Scrapbook views of life…
I was very surprised to see how many views my short little piece on Robin Hood was fortunate to have. But then perhaps it’s not really surprising. Old books have always drawn booklovers to them and a post about one is no different.
When I think about it, it is perhaps the ONLY thing I regret about an e-book. That one can’t fossick through a glorious second book stall/market/shop picking up titles, flipping through, smelling the elderly paper, revelling in drawings by Ransome, Shepherd, Atwell, Greenaway and so forth. There’s no denying that our e-books will be there for readers into eternity, but olde books are really something special.
And whilst this next book I want to share isn’t exactly an olde fiction book, it is an old book. Another one of my father’s from his childhood… an old-fashioned scrapbook and I love it for its close-up view of society at the time.
I leave you to make up your own mind.
There is another scrapbook… a magnificent thick Victorian scrapbook that I adore. It belonged to an elderly great aunt and I was tickled when she gave it to me when I turned eight. It is filled with Victorian cards, stickers, scrap cuttings from magazines, dried flowers, sayings… a truly dimensional social history. I might pop that on the blog one day as well!
Lovely! I adore historical ephemera…how kind of that great-aunt to share this with you!

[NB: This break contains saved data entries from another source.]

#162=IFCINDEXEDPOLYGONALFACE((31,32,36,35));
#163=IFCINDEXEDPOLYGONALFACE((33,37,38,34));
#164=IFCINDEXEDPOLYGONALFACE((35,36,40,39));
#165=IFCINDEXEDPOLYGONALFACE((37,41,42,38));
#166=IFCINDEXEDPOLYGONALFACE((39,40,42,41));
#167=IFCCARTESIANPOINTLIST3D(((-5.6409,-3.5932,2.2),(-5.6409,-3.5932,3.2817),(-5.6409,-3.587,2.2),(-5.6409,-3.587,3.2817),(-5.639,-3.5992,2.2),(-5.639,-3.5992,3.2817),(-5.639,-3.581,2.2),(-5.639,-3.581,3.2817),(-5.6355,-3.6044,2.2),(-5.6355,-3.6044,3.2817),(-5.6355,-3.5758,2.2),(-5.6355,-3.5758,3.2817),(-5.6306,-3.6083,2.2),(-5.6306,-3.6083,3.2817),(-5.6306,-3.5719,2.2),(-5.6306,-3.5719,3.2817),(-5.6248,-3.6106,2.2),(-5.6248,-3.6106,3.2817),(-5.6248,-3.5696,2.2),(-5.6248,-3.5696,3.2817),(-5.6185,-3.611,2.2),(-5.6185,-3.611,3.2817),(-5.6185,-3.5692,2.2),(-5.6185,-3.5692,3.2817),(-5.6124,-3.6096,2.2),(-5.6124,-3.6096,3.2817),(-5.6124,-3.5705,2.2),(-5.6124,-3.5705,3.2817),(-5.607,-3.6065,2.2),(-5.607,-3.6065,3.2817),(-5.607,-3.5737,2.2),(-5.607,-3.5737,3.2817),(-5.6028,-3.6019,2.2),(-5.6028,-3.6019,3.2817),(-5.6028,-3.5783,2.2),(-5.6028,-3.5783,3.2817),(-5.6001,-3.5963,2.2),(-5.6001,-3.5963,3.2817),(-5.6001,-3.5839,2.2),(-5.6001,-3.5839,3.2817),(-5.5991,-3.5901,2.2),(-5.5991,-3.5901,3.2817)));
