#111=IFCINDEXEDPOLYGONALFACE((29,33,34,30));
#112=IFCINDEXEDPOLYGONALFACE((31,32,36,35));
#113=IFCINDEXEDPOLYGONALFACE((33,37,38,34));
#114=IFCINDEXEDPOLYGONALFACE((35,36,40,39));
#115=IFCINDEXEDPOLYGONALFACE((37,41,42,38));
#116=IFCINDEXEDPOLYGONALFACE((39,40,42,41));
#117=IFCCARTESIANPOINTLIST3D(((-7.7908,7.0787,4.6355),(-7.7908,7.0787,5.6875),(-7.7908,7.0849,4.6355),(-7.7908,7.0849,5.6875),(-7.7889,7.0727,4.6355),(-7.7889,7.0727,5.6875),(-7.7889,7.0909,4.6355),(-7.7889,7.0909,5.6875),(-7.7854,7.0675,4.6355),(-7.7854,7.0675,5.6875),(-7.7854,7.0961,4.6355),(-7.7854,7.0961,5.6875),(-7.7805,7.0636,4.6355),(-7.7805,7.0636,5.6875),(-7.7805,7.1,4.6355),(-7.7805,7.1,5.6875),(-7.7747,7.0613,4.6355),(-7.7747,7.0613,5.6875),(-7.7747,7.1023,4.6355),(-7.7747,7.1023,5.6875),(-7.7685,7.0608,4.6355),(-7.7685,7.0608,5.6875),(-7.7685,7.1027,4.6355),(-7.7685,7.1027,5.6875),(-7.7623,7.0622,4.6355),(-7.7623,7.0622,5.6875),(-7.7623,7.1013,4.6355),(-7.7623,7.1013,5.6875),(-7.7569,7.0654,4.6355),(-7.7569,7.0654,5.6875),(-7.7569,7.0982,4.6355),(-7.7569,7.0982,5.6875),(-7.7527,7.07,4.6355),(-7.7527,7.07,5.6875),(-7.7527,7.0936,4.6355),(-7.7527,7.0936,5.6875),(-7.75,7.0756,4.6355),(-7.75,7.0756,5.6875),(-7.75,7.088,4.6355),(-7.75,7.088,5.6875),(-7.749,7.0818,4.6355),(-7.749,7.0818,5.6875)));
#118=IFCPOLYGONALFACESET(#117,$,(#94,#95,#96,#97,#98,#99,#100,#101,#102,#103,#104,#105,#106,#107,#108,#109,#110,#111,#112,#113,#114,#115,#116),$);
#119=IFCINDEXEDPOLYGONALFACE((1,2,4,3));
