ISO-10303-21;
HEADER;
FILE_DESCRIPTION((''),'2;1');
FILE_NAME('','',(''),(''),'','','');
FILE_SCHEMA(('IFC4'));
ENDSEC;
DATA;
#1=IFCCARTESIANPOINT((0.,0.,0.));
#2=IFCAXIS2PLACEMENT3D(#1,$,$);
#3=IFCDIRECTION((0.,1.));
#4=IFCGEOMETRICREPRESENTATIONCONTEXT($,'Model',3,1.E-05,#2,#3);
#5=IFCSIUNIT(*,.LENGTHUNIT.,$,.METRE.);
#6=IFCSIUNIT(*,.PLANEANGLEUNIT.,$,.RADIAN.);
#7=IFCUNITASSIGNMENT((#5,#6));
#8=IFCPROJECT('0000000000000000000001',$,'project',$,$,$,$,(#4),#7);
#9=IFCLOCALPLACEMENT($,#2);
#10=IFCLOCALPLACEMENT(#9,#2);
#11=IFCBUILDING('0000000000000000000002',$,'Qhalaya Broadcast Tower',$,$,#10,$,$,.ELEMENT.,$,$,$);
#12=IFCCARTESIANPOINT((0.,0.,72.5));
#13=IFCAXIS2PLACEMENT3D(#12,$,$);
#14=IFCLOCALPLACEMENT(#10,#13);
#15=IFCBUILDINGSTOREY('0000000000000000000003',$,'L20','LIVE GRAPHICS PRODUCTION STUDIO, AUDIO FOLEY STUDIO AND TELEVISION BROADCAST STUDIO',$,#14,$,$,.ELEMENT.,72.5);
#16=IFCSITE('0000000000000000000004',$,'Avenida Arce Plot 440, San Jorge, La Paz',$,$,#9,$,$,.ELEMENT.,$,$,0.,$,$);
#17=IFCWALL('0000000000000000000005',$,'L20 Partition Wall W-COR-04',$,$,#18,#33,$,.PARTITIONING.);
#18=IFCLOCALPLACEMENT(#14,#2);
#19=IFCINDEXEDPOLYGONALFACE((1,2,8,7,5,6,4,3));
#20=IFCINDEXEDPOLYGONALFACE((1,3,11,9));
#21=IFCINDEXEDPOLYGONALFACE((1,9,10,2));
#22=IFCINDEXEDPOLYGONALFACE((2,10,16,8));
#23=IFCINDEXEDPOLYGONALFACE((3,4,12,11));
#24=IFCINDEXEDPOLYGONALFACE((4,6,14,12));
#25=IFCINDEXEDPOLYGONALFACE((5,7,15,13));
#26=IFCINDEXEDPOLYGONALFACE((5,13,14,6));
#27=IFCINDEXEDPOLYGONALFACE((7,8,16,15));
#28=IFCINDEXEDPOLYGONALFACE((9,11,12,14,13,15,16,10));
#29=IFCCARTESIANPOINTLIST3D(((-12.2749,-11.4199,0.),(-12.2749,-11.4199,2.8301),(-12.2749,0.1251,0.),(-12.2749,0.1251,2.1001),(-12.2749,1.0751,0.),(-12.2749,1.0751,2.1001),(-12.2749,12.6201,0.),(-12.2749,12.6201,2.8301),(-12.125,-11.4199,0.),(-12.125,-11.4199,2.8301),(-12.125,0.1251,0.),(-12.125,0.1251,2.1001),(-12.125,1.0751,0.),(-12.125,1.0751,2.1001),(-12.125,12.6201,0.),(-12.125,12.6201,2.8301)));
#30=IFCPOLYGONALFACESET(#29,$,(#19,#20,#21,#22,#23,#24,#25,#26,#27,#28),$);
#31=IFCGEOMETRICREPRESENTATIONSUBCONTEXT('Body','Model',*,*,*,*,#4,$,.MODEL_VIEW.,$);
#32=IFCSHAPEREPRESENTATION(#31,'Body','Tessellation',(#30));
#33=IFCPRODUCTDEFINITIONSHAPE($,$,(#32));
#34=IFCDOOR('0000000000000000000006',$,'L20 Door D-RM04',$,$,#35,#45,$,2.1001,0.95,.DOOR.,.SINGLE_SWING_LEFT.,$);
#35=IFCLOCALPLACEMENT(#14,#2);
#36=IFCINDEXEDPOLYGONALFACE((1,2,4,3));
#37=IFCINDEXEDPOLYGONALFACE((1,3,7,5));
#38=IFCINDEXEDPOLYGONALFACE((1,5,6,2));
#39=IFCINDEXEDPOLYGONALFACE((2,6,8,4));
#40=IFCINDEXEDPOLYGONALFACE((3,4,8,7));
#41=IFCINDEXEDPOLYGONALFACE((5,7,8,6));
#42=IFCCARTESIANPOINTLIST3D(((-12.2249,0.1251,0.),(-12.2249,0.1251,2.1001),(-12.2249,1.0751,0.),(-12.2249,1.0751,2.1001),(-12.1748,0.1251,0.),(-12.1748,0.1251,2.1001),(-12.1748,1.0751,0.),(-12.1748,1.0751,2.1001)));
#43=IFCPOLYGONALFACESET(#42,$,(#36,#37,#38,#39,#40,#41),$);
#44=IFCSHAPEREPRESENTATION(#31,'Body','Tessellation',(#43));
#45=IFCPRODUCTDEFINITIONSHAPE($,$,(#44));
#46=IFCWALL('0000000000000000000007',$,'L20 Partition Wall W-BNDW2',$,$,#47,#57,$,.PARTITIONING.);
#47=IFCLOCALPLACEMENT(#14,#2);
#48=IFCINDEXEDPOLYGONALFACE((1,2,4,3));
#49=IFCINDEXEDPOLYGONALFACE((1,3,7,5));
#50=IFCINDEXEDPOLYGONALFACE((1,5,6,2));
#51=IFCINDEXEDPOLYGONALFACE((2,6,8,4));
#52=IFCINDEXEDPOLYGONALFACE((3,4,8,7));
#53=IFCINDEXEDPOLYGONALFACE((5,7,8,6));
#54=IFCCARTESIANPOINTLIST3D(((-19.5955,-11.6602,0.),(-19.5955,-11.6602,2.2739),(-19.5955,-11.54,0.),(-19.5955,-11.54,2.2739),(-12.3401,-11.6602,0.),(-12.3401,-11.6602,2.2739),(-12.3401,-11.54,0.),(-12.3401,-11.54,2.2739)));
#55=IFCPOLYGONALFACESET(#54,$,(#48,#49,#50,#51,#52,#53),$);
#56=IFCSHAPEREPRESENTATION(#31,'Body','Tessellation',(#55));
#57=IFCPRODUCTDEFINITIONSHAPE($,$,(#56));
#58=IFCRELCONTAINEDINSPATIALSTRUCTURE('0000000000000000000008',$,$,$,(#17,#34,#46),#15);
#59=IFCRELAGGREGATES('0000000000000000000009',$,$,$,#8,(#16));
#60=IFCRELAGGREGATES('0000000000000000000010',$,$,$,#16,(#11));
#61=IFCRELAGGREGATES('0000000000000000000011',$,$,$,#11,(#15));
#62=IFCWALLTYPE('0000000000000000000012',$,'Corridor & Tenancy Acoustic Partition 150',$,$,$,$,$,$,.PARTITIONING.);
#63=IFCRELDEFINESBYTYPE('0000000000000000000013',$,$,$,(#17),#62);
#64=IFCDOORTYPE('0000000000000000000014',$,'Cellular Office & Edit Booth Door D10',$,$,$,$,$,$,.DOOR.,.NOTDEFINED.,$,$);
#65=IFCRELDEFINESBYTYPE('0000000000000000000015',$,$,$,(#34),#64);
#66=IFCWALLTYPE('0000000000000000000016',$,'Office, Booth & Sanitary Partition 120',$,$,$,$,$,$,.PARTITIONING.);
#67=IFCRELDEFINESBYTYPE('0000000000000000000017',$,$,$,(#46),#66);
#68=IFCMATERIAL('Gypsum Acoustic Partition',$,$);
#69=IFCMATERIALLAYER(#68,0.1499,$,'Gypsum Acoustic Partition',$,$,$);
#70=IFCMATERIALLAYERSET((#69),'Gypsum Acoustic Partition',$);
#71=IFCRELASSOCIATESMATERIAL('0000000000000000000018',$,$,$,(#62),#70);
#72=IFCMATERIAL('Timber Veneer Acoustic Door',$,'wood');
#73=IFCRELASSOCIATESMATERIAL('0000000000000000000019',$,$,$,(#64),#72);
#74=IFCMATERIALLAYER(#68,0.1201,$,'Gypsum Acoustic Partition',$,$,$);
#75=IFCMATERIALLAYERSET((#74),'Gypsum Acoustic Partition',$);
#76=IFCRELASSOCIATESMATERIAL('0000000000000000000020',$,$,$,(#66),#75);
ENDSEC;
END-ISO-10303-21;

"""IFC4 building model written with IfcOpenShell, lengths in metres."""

from ifc_helpers import new_model, si_unit, direction, frame, frame_2d, origin, place, context, subcontext, project, spatial, rectangle, extrude, material, layer, layer_set, type_object, element, fill, save


model = new_model("IFC4")

# Units and contexts
model_context = context("Model", 3, precision=1e-05, world=origin(), true_north=direction((0.0, 1.0)))
body_context = subcontext(model_context, "Body", "Model", "MODEL_VIEW")
ifc_project = project(units=[si_unit("LENGTHUNIT", "METRE"), si_unit("PLANEANGLEUNIT", "RADIAN")], contexts=[model_context])

# Site, building, storey
site_placement = place(None, origin())
site = spatial("IfcSite", under=ifc_project, at=site_placement, Name="Avenida Arce Plot 440, San Jorge, La Paz", CompositionType="ELEMENT", RefElevation=0.0)
building_placement = place(site_placement, origin())
building = spatial("IfcBuilding", under=site, at=building_placement, Name="Qhalaya Broadcast Tower", CompositionType="ELEMENT")
storey_placement = place(building_placement, frame((0.0, 0.0, 72.5)))
storey = spatial("IfcBuildingStorey", under=building, at=storey_placement, Name="L20", Description="LIVE GRAPHICS PRODUCTION STUDIO, AUDIO FOLEY STUDIO AND TELEVISION BROADCAST STUDIO", CompositionType="ELEMENT", Elevation=72.5)

# Wall, opening, door
ifc_material_1 = material(Name="Gypsum Acoustic Partition")
ifc_layer_1 = layer(ifc_material_1, 0.1499, Name="Gypsum Acoustic Partition")
ifc_layer_set_1 = layer_set([ifc_layer_1], Name="Gypsum Acoustic Partition")
wall_type_1 = type_object("IfcWallType", Name="Corridor & Tenancy Acoustic Partition 150", PredefinedType="PARTITIONING", material=ifc_layer_set_1)
ifc_material_2 = material(Name="Timber Veneer Acoustic Door", Category="wood")
door_type = type_object("IfcDoorType", Name="Cellular Office & Edit Booth Door D10", OperationType="NOTDEFINED", PredefinedType="DOOR", material=ifc_material_2)
wall_1_placement = place(storey_placement, frame((-12.2, -11.4199, 0.0), z_axis=(0.0, 0.0, 1.0), x_axis=(0.0, 1.0, 0.0)))
wall_1 = element("IfcWall", 1, at=wall_1_placement, inside=storey, type_object=wall_type_1, Name="L20 Partition Wall W-COR-04", PredefinedType="PARTITIONING", context=body_context, shape_type="SweptSolid", body=[
    extrude(rectangle(XDim=24.04, YDim=0.1499, at=frame_2d((12.02, 0.0))), origin(), (0.0, 0.0, 1.0), 2.8301),
])
opening_1_placement = place(wall_1_placement, frame((11.5449, 0.0, 0.0)))
opening_1 = element("IfcOpeningElement", 2, at=opening_1_placement, cuts=wall_1, PredefinedType="OPENING", context=body_context, shape_type="SweptSolid", body=[
    extrude(rectangle(XDim=0.95, YDim=2.1001, at=frame_2d((0.4751, 1.05))), frame((0.0, 0.0869, 0.0), z_axis=(0.0, -1.0, 0.0), x_axis=(1.0, 0.0, 0.0)), (0.0, 0.0, 1.0), 0.1738),
])
door_1_placement = place(opening_1_placement, origin())
door_1 = element("IfcDoor", 3, at=door_1_placement, inside=storey, type_object=door_type, Name="L20 Door D-RM04", OperationType="SINGLE_SWING_LEFT", OverallHeight=2.1001, OverallWidth=0.95, PredefinedType="DOOR", context=body_context, shape_type="SweptSolid", body=[
    extrude(rectangle(XDim=0.95, YDim=2.1001, at=frame_2d((0.4751, 1.05))), frame((0.0, 0.0249, 0.0), z_axis=(0.0, -1.0, 0.0), x_axis=(1.0, 0.0, 0.0)), (0.0, 0.0, 1.0), 0.05),
])
fill(opening_1, door_1)

# Wall
ifc_layer_2 = layer(ifc_material_1, 0.1201, Name="Gypsum Acoustic Partition")
ifc_layer_set_2 = layer_set([ifc_layer_2], Name="Gypsum Acoustic Partition")
wall_type_2 = type_object("IfcWallType", Name="Office, Booth & Sanitary Partition 120", PredefinedType="PARTITIONING", material=ifc_layer_set_2)
wall_2_placement = place(storey_placement, frame((-19.5955, -11.6001, 0.0), z_axis=(0.0, 0.0, 1.0), x_axis=(1.0, 0.0, 0.0)))
element("IfcWall", 4, at=wall_2_placement, inside=storey, type_object=wall_type_2, Name="L20 Partition Wall W-BNDW2", PredefinedType="PARTITIONING", context=body_context, shape_type="SweptSolid", body=[
    extrude(rectangle(XDim=7.2554, YDim=0.1201, at=frame_2d((3.6277, 0.0))), origin(), (0.0, 0.0, 1.0), 2.2739),
])

save(model, "model.ifc")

Rowenna, this one was actually my father’s own childhood scrapbook. the victorian one, lush and almost claustrophobic, is yet to be photographed.
But you are so right… it’s that sense of ephemera and i remember being encouraged to make my own scrapbook from magazines as a child. heavens knows where that is!
Oh… Prue…
You gave me goosebumps. I wish I had inherited a scrapbook like yours. It’s so special. One can sit and imagine a young girl cutting and pasting in the old-fashioned way. Inserting things that meant something unique to her, or perhaps she knew that someday she’d be passing it down to a young relative who would treasure it. Thank you for sharing. I’m scrolling up to gaze at the illustrations again.
Barbara, this was a young boy who made his own scrapbook… Dad was always meticulously interested in history and perhaps he knew he would pass this on one day.
I love the history of it all. Like Barbara said, imagining some one carefully cutting clipping and pasting them; realizing these clippings were current at the time; imagining that person in his/her environment surrounded by things we now consider historical; wondering what that person was thinking when making the scrapbook, etc. It’s all fascinating.
I’m looking at them again too.
The funny thing is that many of the brands are so very English… there were pictures of Queen Mary and King George V and coaches and state occasions and a general deference to Australia’s connection with Britain. Along with a young boy’s fascination with trains, boats and early planes. And uniforms!
I ADORE Victorian scraps and memorabilia! There’s nothing like it. The pictures are so detailed and beautiful. Yes, please share your other one!
I will, Nikalee… probably in the next ten days. I seem to be on an olde book theme with the blog at the moment!